26 Paragraph 6 must fall with that order. As to paragraph 7, it seems to me that whether the accounting entitlements or debts itemised by Biscoe AJ, mean that the plaintiffs are the secured creditors should be a matter for the Trustee in Bankruptcy. Accordingly I dismiss paragraph 6 and 7 of the Further Amended Notice of Motion.
27 I have not yet said anything about the Anshun point raised by Mr Brown and Mr Bingham. As White J pointed out, this was an enormous obstacle for the plaintiffs. This litigation commenced in 2003. Since then there has been every permutation and combination of allegations of fraud and misconduct throughout the years against so many people. Mr White and Mr Libut sought to avoid a finding that they would be prohibited from bringing this application according to the principles in Port of Melbourne Authority v Anshun Pty Ltd (1981) 147 CLR 589 on the basis that until White J mentioned s 37A of the Conveyancing Act they did not know about it. That is a most unimpressive submission. This Court cannot operate on parties claiming ignorance of the law and finding things out seven years after an event in a virtual side wind and then seeking to bring an action that should have been brought years ago. I do not have to decide this claim because I have heard the application and decided it on its merits adverse to the plaintiffs. It seems to me, in the circumstances, that had the Anshun point been taken at an earlier time, Mr White may well have been prevented from bringing the application.
28 I must also deal with the contempt cases against Mr and Mrs Thompson and Mr Weston as Trustee of the Estate of Mr Thompson. Mr White made an application against Mr Weston in his personal capacity and I have dealt with that. Having regard to the matters I have referred to above, there is no evidence upon which I could be satisfied that Mr or Mrs Thompson have committed a contempt of this Court.
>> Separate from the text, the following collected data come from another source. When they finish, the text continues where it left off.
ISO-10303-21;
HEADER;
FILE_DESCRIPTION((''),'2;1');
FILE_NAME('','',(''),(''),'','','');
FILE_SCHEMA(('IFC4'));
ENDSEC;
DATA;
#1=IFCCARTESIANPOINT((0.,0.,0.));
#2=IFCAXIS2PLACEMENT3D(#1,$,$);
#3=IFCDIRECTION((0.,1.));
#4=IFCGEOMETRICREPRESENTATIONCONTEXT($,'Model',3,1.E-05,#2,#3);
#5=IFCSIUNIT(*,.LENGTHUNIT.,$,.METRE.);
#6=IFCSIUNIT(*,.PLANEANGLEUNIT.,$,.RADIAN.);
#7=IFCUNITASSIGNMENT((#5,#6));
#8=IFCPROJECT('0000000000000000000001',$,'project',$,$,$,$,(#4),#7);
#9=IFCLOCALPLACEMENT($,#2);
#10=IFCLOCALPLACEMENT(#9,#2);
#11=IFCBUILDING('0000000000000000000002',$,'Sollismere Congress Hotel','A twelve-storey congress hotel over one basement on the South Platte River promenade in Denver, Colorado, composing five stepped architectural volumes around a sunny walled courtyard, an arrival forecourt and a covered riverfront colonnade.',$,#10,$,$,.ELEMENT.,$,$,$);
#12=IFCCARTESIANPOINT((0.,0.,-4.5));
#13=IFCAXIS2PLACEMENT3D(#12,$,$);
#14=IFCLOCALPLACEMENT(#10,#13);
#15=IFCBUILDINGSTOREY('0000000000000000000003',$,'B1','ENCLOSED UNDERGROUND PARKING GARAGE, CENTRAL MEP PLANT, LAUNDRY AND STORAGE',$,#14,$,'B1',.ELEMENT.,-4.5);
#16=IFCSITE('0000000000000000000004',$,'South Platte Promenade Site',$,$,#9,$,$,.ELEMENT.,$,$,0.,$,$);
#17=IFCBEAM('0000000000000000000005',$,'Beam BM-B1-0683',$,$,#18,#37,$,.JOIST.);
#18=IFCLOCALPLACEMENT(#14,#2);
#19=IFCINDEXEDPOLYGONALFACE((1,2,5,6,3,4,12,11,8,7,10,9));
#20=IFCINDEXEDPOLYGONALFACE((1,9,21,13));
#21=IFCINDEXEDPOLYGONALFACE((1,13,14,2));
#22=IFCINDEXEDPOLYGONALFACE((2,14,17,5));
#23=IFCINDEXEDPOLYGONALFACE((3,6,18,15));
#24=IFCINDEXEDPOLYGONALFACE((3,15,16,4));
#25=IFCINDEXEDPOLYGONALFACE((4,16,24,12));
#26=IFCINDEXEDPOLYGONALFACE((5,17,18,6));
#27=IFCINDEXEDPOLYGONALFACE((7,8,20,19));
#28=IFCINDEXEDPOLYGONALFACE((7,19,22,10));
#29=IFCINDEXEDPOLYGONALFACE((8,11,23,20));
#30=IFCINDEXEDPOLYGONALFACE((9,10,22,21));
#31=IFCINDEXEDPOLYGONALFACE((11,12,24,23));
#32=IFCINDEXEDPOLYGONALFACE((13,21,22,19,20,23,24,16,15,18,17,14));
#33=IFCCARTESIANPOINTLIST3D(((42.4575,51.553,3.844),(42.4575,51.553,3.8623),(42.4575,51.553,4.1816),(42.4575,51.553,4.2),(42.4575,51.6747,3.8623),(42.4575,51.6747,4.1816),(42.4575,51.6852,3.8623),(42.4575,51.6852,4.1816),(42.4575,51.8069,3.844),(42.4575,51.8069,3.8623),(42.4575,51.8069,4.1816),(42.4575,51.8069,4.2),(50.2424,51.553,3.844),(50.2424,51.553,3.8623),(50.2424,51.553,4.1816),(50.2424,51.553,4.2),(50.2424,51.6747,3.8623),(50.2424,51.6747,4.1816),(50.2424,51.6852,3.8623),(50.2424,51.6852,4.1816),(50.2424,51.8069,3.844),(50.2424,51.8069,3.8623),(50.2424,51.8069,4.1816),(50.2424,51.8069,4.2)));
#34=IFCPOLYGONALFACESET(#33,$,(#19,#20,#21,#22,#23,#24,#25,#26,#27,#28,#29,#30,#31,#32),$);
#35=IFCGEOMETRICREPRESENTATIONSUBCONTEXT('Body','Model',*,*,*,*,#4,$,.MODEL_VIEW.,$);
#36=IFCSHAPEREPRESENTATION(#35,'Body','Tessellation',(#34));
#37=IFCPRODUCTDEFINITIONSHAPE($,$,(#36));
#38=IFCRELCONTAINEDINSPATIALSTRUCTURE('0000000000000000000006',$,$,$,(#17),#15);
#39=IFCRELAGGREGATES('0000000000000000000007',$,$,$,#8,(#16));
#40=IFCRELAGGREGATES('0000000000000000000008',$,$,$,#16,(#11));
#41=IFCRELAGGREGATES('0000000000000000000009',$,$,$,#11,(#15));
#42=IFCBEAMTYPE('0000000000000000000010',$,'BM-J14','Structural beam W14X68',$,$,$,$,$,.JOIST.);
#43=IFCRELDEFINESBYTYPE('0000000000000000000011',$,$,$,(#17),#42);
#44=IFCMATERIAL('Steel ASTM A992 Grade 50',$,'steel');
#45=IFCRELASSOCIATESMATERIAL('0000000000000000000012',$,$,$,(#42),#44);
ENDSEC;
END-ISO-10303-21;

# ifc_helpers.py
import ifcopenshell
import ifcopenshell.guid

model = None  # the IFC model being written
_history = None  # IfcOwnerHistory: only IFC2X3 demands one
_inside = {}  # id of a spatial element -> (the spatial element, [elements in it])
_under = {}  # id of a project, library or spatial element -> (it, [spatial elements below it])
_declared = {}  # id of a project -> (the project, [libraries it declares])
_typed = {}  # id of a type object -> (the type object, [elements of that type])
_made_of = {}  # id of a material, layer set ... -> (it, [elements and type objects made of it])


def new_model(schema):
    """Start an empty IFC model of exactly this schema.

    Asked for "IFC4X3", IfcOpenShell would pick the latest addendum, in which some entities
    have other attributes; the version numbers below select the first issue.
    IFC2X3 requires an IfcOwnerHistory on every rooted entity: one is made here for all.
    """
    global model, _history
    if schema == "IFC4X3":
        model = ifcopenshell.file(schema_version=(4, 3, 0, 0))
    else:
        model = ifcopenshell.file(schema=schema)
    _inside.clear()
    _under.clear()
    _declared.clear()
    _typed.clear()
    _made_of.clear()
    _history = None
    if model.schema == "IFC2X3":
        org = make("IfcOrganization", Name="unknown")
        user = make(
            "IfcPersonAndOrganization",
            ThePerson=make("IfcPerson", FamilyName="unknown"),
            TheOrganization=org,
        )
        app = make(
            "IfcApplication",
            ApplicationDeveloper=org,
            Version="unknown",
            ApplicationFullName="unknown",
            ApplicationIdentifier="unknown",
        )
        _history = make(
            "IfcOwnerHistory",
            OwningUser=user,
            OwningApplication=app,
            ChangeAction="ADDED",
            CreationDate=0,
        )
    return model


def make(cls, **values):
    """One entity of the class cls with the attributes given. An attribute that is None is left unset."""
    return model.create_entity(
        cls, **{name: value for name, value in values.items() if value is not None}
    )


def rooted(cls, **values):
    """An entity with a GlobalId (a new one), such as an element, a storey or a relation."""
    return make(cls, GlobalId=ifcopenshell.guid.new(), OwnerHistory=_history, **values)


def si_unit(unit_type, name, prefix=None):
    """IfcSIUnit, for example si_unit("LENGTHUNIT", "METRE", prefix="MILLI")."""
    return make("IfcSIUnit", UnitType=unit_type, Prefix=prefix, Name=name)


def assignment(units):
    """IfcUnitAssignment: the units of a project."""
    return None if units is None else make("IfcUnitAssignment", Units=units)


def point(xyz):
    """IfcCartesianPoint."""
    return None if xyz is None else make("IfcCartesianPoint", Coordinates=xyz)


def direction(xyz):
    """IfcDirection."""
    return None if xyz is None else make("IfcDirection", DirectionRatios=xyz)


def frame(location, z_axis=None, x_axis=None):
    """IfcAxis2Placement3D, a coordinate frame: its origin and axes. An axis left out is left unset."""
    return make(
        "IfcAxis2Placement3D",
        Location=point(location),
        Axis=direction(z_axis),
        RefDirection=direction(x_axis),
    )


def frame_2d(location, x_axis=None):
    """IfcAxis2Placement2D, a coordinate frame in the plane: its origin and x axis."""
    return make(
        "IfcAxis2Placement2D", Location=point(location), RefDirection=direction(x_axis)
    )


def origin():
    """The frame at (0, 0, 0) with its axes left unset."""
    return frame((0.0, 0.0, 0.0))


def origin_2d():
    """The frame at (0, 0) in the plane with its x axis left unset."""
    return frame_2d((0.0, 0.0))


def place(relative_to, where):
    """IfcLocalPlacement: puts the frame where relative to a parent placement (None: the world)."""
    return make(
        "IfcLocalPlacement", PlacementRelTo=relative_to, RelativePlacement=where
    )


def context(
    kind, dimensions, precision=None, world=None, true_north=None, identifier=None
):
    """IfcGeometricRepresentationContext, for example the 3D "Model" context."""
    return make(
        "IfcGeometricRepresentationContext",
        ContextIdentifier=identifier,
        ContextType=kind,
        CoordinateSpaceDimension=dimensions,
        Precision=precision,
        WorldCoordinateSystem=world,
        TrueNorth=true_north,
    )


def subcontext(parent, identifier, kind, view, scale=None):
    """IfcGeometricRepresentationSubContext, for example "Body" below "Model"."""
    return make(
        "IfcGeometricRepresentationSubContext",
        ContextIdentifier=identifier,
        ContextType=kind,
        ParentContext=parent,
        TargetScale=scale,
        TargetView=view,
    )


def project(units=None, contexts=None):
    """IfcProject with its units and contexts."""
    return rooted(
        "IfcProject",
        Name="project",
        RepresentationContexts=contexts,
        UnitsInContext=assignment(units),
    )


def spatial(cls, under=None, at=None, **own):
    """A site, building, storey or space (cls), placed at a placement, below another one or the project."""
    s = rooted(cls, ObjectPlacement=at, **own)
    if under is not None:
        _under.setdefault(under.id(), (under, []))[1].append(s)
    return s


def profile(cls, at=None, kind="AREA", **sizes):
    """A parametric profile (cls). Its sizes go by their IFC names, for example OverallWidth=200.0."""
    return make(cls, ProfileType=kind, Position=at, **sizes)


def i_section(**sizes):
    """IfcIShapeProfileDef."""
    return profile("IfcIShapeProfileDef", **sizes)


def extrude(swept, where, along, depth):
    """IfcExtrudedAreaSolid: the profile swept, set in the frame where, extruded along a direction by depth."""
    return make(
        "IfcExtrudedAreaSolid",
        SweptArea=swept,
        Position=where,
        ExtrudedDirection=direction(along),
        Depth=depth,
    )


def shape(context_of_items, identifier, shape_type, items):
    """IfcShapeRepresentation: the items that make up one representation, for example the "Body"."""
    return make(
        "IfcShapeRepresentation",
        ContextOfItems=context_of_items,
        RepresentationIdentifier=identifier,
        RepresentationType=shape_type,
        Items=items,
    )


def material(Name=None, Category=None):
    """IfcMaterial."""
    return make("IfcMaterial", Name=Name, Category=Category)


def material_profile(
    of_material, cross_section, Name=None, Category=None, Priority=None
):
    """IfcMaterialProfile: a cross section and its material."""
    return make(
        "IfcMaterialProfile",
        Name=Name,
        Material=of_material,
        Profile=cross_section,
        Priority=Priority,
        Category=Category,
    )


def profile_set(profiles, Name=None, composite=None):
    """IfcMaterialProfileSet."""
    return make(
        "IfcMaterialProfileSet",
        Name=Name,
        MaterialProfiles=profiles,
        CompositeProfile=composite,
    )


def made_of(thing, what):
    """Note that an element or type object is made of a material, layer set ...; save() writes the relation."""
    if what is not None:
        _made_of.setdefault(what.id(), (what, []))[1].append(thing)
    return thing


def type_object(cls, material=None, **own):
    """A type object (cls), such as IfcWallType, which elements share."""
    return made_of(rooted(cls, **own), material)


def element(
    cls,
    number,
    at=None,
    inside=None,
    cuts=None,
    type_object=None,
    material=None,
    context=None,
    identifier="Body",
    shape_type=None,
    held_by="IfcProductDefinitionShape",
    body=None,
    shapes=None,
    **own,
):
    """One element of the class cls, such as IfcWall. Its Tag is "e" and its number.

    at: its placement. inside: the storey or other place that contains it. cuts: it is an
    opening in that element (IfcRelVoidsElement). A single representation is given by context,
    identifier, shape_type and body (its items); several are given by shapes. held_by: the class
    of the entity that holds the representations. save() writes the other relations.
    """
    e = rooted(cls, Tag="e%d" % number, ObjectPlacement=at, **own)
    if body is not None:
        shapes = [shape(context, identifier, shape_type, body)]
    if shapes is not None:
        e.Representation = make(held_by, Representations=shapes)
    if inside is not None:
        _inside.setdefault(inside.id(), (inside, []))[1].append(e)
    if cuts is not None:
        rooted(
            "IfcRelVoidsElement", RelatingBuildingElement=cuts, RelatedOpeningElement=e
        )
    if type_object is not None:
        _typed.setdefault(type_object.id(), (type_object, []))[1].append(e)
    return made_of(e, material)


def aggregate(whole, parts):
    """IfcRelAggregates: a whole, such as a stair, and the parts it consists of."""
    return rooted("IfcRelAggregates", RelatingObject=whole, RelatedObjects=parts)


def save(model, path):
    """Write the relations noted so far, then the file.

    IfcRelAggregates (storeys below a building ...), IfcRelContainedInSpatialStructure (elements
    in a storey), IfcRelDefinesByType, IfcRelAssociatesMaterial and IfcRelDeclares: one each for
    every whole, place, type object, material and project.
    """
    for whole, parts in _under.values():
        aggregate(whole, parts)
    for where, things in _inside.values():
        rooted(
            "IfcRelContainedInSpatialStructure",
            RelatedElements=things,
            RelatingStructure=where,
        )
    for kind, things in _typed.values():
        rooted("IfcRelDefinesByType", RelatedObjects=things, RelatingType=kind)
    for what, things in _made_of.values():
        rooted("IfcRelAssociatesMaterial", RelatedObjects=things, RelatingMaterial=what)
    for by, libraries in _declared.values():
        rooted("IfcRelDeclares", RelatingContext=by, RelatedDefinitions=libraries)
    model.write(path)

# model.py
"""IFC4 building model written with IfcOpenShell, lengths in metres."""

from ifc_helpers import new_model, si_unit, direction, frame, origin, origin_2d, place, context, subcontext, project, spatial, i_section, extrude, material, material_profile, profile_set, type_object, element, save


model = new_model("IFC4")

# Units and contexts
model_context = context("Model", 3, precision=1e-05, world=origin(), true_north=direction((0.0, 1.0)))
body_context = subcontext(model_context, "Body", "Model", "MODEL_VIEW")
ifc_project = project(units=[si_unit("LENGTHUNIT", "METRE"), si_unit("PLANEANGLEUNIT", "RADIAN")], contexts=[model_context])

# Site, building, storey
site_placement = place(None, origin())
site = spatial("IfcSite", under=ifc_project, at=site_placement, Name="South Platte Promenade Site", CompositionType="ELEMENT", RefElevation=0.0)
building_placement = place(site_placement, origin())
building = spatial("IfcBuilding", under=site, at=building_placement, Name="Sollismere Congress Hotel", Description="A twelve-storey congress hotel over one basement on the South Platte River promenade in Denver, Colorado, composing five stepped architectural volumes around a sunny walled courtyard, an arrival forecourt and a covered riverfront colonnade.", CompositionType="ELEMENT")
storey_placement = place(building_placement, frame((0.0, 0.0, -4.5)))
storey = spatial("IfcBuildingStorey", under=building, at=storey_placement, Name="B1", Description="ENCLOSED UNDERGROUND PARKING GARAGE, CENTRAL MEP PLANT, LAUNDRY AND STORAGE", LongName="B1", CompositionType="ELEMENT", Elevation=-4.5)

# Beam
ifc_material_1 = material(Name="Steel ASTM A992 Grade 50", Category="steel")
ifc_material_profile_1 = material_profile(ifc_material_1, i_section(OverallWidth=0.2539, OverallDepth=0.356, WebThickness=0.0105, FlangeThickness=0.0183, at=origin_2d()), Name="W14X68")
ifc_profile_set_1 = profile_set([ifc_material_profile_1], Name="Steel ASTM A992 Grade 50")
beam_type_1 = type_object("IfcBeamType", Name="BM-J14", Description="Structural beam W14X68", PredefinedType="JOIST", material=ifc_profile_set_1)
for number, where, z_axis, x_axis, name in (
    (1, (42.4575, 51.6799, 4.022), (1.0, 0.0, 0.0), (0.0, 1.0, 0.0), "Beam BM-B1-0683"),
):
    element("IfcBeam", number, at=place(storey_placement, frame(where, z_axis=z_axis, x_axis=x_axis)), inside=storey, type_object=beam_type_1, Name=name, PredefinedType="JOIST", context=body_context, shape_type="SweptSolid", body=[
        extrude(i_section(OverallWidth=0.2539, OverallDepth=0.356, WebThickness=0.0105, FlangeThickness=0.0183, at=origin_2d()), origin(), (0.0, 0.0, 1.0), 7.7849),
    ])

save(model, "model.ifc")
As I have said, the transactions in relation to the Somersby property have been subject to Court orders for the last 7 years. There have been undertakings that have been honoured and, it would appear, carefully honoured, not only by Mr Thompson, but also by Mr Weston in not dealing with the property consistently with the undertakings until formally discharged by this Court. The allegations of contempt against the three defendants are baseless.
29 I dismiss paragraph 8 of the Motion as against the first, second and third defendants, together with the Statements of Charge.
30 I order that the plaintiffs pay the defendants’ costs of the Motion on an indemnity basis. That finalises this matter.